The Supreme People’s Court and other Chinese government institutions have been making increasing use of name & shame lists to call attention to illegal behavior by institutions and individuals and to prevent them from benefiting from their illegal behavior (as I discussed in this blogpost). International institutions, such as the World Bank, Asian Development Bank, African Development Bank, Inter-American Development Bank and the European Bank for Reconstruction and Development, name and shame as well. They list firms and individuals that have been disbarred (by their own or counterpart institution) from being awarded a multilateral development bank contract because they have been sanctioned for fraud or corruption violations (the World Bank list is here and a comprehensive introduction is found here). The World Bank cooperates with other international and national regulatory and enforcement organizations, such as the European Anti-Fraud Office and the UK’s Serious Fraud Office.
I recently published a brief blogpost on the website of the Wong MNC Center, calling attention to the significant number of Chinese companies, particularly state-owned companies, that are on the World Bank (and other multilateral development banks) blacklists. I noted that there do not seem to be clear repercussions for those companies and queried whether China’s Asian Infrastructure Investment Bank (AIIB) will follow the practice of the other multilateral development banks.AIIB has recently appointed Mr. Hamid Sharif, formerly of the Asian Development Bank, to be Director General of the AIIB’s Compliance, Effectiveness and Integrity Unit, and Gerard Sanders to be its general counsel. Sanders worked for many years in the legal department of the European Bank for Reconstruction and Development. Both men would take the disbarment system as an accepted part of the international development bank regulatory system. Some issues I didn’t have a chance to raise:
- A significant number of Chinese companies did not participate in the sanctioning proceedings or make use of the appeal procedures.

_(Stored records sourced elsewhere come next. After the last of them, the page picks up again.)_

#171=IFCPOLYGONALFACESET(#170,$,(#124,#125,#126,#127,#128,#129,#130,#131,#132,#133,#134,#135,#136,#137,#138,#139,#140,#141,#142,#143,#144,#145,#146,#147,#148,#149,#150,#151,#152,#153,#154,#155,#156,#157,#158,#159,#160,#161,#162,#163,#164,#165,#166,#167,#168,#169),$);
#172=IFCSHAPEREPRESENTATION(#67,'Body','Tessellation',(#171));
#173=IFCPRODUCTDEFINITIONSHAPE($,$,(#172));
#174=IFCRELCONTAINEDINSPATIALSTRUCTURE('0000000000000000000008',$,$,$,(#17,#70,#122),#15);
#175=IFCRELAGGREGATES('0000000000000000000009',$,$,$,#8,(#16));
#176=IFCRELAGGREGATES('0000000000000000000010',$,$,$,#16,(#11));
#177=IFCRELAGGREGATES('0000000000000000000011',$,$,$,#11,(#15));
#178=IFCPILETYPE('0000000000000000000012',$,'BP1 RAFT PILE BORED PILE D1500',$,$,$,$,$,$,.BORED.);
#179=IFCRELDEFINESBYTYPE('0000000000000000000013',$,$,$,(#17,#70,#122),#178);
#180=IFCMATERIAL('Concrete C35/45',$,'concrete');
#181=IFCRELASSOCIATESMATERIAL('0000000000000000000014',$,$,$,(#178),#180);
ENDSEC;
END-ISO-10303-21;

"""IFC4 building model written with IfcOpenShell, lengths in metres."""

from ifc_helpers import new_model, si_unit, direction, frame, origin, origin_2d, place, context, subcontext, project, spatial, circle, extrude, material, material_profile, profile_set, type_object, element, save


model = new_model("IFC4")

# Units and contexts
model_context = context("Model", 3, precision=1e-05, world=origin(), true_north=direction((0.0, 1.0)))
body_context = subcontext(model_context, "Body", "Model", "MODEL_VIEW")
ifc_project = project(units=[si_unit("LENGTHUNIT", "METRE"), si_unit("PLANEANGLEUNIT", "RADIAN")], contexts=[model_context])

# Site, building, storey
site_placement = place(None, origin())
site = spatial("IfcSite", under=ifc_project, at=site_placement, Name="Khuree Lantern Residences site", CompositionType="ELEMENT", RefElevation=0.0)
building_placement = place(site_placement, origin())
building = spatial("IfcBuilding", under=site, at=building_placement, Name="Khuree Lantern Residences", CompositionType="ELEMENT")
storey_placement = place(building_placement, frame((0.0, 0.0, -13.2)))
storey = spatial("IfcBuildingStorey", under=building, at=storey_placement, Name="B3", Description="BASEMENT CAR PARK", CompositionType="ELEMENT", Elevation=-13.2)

This attitude is analogous to the way some Chinese companies view foreign arbitration and other foreign dispute resolution (the three nos–see my earlier blogpost on this).An experienced Chinese consultant that I contacted privately remarked that Chinese firms take the “Four No” approach—do not recognize, do not accept, do not commit themselves, and there are no consequences in China;
- Some of the Chinese companies that have been or are currently being disbarred are party to major contracts (or memoranda of understanding) under various Chinese government initiatives. According to a recent report in the Philippine press, China Road & Bridge and affiliated companies (blacklisted by the World Bank until 2017) are among the major beneficiaries of President Duterte’s recent trip to China. Other blacklisted companies are doing projects in Africa and Central America.

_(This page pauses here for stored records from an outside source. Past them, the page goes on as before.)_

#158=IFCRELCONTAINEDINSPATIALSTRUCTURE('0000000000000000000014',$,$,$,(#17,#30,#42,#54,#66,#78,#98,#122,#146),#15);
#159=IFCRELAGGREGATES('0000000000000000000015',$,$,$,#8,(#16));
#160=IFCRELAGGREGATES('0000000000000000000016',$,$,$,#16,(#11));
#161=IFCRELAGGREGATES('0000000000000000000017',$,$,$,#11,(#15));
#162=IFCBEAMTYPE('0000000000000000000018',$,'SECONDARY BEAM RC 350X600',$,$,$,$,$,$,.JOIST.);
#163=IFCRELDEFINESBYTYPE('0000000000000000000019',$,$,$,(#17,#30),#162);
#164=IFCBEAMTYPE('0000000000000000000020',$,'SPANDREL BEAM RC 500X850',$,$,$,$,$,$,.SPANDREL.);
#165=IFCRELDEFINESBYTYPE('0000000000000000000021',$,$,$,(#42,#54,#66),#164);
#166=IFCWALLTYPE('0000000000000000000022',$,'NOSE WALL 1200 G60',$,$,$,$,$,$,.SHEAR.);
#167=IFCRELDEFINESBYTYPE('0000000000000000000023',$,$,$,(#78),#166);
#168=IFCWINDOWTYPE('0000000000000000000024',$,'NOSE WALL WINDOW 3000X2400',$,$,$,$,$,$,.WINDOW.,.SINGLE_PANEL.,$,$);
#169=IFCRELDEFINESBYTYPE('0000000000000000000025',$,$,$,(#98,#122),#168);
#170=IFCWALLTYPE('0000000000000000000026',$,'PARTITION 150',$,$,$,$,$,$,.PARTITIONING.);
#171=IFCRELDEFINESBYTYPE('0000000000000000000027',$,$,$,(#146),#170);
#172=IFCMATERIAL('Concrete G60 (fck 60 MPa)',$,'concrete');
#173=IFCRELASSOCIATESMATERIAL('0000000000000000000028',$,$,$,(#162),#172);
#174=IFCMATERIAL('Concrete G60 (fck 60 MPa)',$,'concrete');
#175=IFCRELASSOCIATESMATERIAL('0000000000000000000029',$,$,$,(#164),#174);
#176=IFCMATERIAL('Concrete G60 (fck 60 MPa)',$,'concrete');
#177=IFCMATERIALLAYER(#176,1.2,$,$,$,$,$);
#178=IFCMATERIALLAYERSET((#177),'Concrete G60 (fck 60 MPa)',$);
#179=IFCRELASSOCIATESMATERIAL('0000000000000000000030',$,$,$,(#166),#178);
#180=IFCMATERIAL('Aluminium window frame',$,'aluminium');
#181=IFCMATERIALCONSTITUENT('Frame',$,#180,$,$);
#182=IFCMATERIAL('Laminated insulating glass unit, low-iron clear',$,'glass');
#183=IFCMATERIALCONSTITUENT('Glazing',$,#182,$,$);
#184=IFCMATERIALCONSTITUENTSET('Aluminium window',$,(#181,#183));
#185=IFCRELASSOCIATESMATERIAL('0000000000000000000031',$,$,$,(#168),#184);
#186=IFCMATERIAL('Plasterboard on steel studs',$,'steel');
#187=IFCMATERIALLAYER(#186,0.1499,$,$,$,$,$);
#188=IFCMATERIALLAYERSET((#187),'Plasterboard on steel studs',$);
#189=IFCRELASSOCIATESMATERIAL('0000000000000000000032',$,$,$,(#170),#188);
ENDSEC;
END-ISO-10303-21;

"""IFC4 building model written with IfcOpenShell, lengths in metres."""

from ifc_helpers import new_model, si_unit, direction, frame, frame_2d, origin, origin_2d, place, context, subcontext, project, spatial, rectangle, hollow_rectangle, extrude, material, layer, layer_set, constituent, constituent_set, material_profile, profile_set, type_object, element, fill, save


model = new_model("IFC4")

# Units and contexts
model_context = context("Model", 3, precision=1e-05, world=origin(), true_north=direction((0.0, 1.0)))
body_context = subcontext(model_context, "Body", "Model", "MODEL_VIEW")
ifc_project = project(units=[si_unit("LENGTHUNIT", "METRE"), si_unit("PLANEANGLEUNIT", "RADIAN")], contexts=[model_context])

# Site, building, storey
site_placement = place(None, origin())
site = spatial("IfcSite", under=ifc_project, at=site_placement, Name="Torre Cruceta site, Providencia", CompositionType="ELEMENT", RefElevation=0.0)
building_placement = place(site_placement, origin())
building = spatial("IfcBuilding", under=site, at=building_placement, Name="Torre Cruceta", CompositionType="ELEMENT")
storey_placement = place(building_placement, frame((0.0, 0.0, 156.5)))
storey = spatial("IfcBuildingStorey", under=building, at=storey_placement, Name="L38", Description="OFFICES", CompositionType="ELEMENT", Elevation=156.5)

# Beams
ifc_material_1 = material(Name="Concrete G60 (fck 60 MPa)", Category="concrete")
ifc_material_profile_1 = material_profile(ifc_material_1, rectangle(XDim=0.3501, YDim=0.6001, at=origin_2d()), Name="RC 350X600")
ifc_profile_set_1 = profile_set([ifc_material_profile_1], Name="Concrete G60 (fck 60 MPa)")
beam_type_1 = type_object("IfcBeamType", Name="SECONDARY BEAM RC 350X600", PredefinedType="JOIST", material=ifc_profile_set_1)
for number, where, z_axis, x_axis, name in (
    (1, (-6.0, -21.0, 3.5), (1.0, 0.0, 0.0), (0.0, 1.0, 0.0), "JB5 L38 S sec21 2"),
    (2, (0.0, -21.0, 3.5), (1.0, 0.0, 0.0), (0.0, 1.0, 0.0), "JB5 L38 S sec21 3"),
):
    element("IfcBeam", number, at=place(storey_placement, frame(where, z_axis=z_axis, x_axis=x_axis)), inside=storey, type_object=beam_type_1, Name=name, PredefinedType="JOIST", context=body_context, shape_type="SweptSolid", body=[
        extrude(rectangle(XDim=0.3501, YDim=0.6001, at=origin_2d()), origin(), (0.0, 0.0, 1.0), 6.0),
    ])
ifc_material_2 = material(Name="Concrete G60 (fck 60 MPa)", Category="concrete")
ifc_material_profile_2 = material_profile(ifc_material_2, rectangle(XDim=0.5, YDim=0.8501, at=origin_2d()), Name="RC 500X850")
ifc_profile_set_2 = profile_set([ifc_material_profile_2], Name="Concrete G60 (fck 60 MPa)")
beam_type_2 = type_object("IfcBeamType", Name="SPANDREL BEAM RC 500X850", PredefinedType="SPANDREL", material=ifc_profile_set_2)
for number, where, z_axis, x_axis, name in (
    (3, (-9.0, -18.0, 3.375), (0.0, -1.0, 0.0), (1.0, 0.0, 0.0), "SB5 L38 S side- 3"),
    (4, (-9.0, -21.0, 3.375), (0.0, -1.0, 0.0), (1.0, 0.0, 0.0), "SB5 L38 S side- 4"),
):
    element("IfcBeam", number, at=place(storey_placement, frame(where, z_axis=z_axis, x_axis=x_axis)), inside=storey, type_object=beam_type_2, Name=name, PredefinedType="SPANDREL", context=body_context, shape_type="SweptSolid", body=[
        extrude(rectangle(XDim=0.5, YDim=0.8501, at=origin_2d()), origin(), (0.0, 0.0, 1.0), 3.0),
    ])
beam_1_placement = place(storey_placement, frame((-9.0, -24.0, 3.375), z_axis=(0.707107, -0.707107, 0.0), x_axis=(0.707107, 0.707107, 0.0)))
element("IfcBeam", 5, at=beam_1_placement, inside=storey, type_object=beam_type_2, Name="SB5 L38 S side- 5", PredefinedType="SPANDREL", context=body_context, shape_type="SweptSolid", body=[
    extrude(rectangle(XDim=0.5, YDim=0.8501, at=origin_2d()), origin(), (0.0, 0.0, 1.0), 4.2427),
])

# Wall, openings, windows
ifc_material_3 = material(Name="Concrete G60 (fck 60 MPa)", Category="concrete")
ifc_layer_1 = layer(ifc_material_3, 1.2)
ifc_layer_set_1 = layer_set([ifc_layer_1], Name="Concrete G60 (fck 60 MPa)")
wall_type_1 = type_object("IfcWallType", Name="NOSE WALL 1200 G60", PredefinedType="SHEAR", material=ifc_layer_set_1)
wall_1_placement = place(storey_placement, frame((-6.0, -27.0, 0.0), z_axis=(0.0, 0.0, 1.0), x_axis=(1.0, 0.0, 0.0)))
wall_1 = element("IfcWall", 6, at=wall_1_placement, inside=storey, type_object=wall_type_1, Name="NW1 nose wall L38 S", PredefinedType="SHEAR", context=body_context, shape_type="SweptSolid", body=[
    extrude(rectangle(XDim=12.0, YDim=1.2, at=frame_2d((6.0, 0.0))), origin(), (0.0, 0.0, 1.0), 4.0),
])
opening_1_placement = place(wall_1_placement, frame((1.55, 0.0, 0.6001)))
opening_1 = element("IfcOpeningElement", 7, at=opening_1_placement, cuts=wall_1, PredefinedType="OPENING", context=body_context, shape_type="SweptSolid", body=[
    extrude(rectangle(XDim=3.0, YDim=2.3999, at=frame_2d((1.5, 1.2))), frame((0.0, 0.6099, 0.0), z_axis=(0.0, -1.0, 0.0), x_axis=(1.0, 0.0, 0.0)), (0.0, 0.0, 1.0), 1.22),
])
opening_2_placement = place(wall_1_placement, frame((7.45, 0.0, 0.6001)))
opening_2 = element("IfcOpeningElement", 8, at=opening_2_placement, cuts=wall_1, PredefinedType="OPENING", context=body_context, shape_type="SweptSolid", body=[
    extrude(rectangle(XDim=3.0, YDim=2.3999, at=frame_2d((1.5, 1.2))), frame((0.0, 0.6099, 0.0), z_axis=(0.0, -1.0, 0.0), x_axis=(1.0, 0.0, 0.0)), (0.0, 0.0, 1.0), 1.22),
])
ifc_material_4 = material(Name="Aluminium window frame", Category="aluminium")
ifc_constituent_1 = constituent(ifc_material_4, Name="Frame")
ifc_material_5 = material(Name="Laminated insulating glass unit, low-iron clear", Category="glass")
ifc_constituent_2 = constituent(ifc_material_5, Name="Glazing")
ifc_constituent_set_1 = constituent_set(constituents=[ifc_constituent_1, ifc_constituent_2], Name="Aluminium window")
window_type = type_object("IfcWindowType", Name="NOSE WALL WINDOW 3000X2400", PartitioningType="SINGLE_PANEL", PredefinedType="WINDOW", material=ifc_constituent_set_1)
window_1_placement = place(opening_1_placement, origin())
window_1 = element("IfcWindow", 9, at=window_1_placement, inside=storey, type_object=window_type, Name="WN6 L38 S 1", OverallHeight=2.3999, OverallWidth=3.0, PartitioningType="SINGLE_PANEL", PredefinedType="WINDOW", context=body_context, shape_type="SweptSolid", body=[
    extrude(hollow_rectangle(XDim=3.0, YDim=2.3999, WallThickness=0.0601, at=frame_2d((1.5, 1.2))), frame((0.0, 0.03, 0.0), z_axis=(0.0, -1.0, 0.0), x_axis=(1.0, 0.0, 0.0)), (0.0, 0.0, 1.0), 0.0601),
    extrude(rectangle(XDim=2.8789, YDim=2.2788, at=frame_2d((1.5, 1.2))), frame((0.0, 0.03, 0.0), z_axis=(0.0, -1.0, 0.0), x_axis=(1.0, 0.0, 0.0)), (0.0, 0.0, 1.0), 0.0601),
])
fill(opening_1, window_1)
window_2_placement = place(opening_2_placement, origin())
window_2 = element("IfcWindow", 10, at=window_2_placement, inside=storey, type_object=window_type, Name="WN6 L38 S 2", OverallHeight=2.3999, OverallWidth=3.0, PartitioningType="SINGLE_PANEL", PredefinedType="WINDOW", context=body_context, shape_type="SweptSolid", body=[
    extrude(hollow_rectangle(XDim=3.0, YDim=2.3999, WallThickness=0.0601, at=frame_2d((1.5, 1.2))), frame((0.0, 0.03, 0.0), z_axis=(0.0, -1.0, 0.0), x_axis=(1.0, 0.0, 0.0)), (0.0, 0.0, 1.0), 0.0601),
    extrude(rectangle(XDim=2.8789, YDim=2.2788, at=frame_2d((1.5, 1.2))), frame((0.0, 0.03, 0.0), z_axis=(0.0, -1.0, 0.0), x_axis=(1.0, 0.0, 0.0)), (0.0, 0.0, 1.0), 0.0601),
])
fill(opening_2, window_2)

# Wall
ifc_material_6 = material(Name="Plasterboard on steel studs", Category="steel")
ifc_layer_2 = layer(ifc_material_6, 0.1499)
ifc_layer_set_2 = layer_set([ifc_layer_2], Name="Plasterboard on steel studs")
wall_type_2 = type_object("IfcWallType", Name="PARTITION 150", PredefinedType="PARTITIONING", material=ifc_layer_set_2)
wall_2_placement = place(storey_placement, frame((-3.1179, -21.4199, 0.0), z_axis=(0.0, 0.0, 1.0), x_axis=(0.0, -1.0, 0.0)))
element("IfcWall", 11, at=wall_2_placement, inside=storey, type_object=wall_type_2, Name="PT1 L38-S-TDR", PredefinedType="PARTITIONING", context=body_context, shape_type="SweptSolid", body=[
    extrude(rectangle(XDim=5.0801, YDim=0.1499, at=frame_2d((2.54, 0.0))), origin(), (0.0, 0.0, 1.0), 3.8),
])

- Officials of the Supreme People’s Procuratorate, as seen in this 2014 article, are advocating better international cooperation with anticorruption efforts in the business sector and mention the international development bank blacklists as a given part of the international anticorruption landscape. They reveal that there are major compliance issues among Chinese SOEs operating abroad, with bribery as one of many problems and a generally prevailing indifferent attitude towards legal compliance.

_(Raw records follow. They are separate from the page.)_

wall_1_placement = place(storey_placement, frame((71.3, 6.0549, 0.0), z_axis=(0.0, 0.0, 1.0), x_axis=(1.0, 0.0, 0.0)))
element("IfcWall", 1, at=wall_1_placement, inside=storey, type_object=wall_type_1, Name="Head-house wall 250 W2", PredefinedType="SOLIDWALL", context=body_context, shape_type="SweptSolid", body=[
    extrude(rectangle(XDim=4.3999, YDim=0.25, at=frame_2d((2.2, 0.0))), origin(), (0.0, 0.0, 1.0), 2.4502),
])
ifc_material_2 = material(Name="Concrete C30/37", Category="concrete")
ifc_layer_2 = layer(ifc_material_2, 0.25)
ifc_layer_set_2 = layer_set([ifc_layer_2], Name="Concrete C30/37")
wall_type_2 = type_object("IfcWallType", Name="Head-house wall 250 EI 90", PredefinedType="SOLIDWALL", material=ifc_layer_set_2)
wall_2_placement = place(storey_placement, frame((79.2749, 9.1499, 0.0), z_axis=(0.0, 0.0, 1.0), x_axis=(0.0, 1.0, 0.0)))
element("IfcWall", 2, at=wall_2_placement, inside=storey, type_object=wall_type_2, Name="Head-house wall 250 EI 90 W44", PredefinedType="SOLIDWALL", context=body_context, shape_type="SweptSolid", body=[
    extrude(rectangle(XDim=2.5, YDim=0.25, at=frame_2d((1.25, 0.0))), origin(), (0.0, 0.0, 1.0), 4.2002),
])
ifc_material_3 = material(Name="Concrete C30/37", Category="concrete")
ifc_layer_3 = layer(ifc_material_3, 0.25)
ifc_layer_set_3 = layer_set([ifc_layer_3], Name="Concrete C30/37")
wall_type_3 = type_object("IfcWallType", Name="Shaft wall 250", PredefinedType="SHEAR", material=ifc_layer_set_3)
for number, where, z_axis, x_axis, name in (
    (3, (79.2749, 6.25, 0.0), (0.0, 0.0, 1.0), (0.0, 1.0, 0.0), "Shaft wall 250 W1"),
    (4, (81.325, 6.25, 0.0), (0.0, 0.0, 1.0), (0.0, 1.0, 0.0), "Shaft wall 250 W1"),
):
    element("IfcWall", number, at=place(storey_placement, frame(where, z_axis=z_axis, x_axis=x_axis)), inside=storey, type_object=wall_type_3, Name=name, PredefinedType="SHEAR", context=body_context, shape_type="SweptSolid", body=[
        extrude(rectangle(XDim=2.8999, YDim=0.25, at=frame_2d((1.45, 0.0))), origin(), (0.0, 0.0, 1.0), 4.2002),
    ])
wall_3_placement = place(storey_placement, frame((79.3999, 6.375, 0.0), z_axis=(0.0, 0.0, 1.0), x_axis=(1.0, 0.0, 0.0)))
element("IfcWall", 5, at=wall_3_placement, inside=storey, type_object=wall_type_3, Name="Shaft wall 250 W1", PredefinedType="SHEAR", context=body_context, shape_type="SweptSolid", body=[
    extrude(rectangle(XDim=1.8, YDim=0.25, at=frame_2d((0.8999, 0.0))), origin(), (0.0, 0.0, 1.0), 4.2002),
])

- It appears there will eventually be a better integration of the multilateral development bank blacklists with the Chinese system, but this will take time and many hours of quiet advocacy to put in place. It would be unfortunate if these efforts are accelerated because disbarment of Chinese companies under the World Bank system results in further investigations or sanctions in Europe, United Kingdom, or elsewhere in the world.